I second Willk's answer: gravity doesn't really matter at all for plasma containment, so trying to build a tokamak in orbit would be a huge complication for basically no gain. However, I just took a class on plasma physics so I would be remiss if I didn't cram a bunch more math down peoples' throats.
Now, the main equation that will be governing plasma movement in a tokomak on Earth is
$$m_j n_j \frac{D\mathbf{v_j}}{Dt}=q_j n_j (\mathbf{E+v_j \times B})-\nabla p + m_j n_j \mathbf{g}$$
where $m$ is the mass per particle, $n$ the number density, $q$ the particle charge, $\mathbf{v}$ the fluid velocity, $p$ the pressure, $\mathbf{E}$ the electric field, $\mathbf{B}$ the magnetic field, $\mathbf{g}$ the gravitational field, and the subscript denoting which species we are talking about (normally ion vs electron). Now I know that was a whole bunch to dump at once, but I have a very simple goal here: to show you that that the term involving $\mathbf{g}$ (the gravitational force term) is much smaller than the other forces at play.
You see, the monstrous equation I gave is really nothing more than a dressed up version of Newton's second law: $\mathbf{F} = m \mathbf{a}$. The left hand side is called the convective derivative and decribes how the plasma is being pushed around (analogous to $\mathbf{a}$), while the right hand side lists the forces acting on the plasma. So, let's get a rough sense of the orders of magnitude that we have for the forces.

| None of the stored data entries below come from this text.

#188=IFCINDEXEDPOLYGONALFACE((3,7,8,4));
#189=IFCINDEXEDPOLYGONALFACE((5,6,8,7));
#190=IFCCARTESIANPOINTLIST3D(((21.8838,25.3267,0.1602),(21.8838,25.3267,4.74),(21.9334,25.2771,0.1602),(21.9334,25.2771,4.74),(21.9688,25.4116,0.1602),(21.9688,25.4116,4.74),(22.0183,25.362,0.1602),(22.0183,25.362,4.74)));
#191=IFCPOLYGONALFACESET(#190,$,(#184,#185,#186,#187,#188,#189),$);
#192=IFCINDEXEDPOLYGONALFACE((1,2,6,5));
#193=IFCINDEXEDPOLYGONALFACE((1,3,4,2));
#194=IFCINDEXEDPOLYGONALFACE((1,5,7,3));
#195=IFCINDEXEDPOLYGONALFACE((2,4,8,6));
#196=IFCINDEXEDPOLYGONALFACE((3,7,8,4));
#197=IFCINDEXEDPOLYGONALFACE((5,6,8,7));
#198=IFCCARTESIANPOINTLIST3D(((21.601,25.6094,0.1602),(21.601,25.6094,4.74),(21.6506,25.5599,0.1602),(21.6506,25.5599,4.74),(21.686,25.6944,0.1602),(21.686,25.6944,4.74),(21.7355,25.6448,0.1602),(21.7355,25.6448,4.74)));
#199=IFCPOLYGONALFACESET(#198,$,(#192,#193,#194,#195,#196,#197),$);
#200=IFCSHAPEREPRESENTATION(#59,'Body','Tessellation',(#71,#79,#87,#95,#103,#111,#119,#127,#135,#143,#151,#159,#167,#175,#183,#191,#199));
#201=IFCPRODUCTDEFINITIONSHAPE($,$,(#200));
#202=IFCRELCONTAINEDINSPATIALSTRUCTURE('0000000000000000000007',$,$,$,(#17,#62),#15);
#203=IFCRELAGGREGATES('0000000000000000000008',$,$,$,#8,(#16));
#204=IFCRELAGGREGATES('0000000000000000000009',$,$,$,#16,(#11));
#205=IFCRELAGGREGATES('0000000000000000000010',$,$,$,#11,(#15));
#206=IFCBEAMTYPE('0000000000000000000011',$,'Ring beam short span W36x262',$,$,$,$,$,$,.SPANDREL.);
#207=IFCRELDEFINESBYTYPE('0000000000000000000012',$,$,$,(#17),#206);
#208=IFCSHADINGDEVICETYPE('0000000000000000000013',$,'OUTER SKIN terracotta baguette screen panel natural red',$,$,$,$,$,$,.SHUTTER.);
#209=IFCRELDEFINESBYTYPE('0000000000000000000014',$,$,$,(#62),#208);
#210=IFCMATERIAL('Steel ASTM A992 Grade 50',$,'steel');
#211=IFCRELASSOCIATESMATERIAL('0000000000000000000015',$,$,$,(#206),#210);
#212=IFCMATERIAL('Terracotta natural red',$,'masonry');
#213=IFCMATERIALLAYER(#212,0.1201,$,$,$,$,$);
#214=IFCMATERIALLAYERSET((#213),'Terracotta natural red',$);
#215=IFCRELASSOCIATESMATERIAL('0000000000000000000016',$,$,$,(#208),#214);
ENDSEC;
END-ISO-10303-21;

First off, we will ignore the electric field, since that tends to be approximately zero in steady state plasmas due to a phenomenon called Debye shielding. I'm also going to ignore the term involving the magnetic field because that's the thing we want to adjust.
So, we want to analyze the approximate magnitude of the term $$\nabla p$$
which for thermodynamics reasons is equivalent to
$$\gamma kT \nabla n$$
The plasma recombines at the walls of the vessel, so $n=0$ there. Meanwhile, at the center of a typical fusion plasma we have a typical value of $n=10^{19} m^{-3}$, and a cross sectional radius of maybe $1 m$, giving us an approximate gradient of $10^{19} m^{-4}$. Using the approximation of an isothermal plasma with $\gamma = 1$, and ITER's projected temperature of $kT = 8 keV$, we obtain
$$\nabla p \approx 13 \times 10^3 N/m^3$$
Now, to compare this to the gravitational term. Using the heaviest particle mass (that of tritium ions in the case of ITER) and $n=10^{19} m^{-3}$, we get
$$m n \mathbf{g} \approx 5 \times 10^{-7}N/m^3$$
which is over 10 orders of magnitude less than the force felt due to pressure gradients! So, when you're designing the magnetic field topology, you can pretty safely ignore gravity.
As for an intuitive reason: fusion plasmas are hot. This means particles are bouncing around incredibly quickly, and they bounce off each other so frequently that gravity has basically no time to alter their trajectory in any noticeable way. This is much like how you don't really need to worry about gravity when you're shooting at a target 10 feet away-- the bullet moves so fast that it doesn't really matter.